Novelists closely associated with the genre include Eric Ambler, Sydney Bauer, Ted Bell, Dan Brown, Lincoln Child, Tom Clancy, Clive Cussler, Michael Crichton, Nelson DeMille, Ian Fleming, Ken Follett, Frederick Forsyth, Graham Greene, John Grisham, Robert Ludlum, Alistair MacLean, Andy McNab, David Morrell, James Phelan, Douglas Preston, and Matthew Reilly.
There have been at least two television series called simply Thriller, one made in the U.S. in the 1960s and one made in the UK in the 1970s. Although in no way linked, both series consisted of one-off dramas, each utilising the familiar motifs of the genre.
24 is a fast-paced television series with a premise inspired by the War on Terror.
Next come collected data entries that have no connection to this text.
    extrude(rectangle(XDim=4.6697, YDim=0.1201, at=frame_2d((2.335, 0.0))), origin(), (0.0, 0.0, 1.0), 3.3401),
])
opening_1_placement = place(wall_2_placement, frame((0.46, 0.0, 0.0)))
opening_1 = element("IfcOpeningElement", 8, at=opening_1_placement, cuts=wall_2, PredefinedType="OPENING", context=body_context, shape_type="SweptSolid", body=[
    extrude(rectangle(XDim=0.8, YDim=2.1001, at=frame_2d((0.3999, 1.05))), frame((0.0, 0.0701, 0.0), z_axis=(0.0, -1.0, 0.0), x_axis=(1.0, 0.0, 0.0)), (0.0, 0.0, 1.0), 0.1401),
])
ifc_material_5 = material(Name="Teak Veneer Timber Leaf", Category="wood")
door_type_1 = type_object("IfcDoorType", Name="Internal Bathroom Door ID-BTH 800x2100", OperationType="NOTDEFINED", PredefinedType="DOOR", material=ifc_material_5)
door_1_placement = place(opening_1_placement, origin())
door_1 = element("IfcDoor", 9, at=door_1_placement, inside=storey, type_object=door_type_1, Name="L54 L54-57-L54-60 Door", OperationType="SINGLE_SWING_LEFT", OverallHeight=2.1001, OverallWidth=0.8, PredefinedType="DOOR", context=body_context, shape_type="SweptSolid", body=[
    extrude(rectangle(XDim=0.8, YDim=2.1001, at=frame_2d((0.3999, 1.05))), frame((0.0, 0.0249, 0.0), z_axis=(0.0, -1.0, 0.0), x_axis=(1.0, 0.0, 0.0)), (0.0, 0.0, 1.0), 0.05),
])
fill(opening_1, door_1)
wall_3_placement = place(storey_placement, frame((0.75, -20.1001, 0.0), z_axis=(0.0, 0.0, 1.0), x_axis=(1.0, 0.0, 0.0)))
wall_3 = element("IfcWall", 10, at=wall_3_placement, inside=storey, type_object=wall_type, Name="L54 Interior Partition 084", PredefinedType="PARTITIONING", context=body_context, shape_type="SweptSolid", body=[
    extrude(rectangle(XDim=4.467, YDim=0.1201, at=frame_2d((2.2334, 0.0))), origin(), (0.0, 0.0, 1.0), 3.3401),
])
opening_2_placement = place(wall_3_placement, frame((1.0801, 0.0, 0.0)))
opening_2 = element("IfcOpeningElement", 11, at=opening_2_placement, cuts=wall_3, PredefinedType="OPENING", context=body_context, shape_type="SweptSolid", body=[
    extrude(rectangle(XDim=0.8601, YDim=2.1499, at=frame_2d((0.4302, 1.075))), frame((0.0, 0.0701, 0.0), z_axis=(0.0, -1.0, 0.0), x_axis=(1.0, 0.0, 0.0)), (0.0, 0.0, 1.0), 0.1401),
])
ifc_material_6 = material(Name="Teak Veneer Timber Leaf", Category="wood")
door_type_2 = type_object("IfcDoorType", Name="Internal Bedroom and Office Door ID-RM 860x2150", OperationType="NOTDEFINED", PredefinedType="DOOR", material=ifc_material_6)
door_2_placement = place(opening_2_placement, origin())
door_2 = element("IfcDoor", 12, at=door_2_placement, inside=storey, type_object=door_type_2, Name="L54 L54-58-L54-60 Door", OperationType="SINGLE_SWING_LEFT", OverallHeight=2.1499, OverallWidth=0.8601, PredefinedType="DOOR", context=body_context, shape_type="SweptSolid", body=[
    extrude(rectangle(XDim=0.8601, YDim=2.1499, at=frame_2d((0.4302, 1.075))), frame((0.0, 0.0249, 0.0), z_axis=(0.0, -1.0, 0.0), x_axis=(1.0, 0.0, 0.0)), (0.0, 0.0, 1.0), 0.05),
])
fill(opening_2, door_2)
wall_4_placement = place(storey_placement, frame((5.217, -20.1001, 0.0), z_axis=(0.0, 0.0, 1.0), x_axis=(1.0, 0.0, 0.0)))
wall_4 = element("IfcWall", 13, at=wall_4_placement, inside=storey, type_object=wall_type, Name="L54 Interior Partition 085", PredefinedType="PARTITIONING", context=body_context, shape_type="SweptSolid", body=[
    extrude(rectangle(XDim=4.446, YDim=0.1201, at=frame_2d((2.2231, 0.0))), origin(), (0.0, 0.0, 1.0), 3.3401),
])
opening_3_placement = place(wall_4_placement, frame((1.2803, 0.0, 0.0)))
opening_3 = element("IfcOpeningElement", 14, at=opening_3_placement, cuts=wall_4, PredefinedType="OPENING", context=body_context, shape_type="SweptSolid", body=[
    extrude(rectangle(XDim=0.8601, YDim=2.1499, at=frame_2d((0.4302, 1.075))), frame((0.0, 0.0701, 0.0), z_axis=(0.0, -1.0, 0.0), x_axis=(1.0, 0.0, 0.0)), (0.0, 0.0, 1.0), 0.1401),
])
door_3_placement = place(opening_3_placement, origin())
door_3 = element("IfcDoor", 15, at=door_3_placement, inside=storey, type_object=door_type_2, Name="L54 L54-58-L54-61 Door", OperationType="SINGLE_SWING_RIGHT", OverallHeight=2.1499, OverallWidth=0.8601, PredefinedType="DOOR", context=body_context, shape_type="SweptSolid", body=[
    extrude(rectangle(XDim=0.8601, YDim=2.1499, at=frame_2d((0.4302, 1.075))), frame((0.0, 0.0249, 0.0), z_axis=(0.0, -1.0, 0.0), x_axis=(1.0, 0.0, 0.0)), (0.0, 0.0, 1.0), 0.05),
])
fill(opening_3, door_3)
Each season takes place over the course of twenty-four hours, with each episode happening in "real time". Featuring a split-screen technique and a ticking onscreen clock, 24 follows the exploits of federal agent Jack Bauer as he races to foil terrorist threats.
Lost, which deals with the survivors of a plane crash, sees the castaways on the island forced to deal with a monstrous being that appears as a cloud of black smoke, a conspiracy of "Others" who have kidnapped or killed their fellow castaways at various points, a shadowy past of the island itself that they are trying to understand, polar bears, and the fight against these and other elements as they struggle simply to stay alive and get out of the island.
Prison Break follows Michael Scofield, an engineer who has himself incarcerated in a maximum-security prison in order to break out his brother, who is on death row for a crime he did not commit. In the first season Michael must deal with the hazards of prison life, the other inmates and prison staff, and executing his elaborate escape plan, while outside the prison Michael's allies investigate the conspiracy that led to Lincoln being framed. In the second season, Michael, his brother and several other inmates escape the prison and must evade the nationwide manhunt for their re-capture, as well as those who want them dead.
Other examples include, Dexter, Breaking Bad, Criminal Minds, Without a Trace, CSI: Crime Scene Investigation, The 4400, Medium, Numb3rs, The Twilight Zone and The X-Files.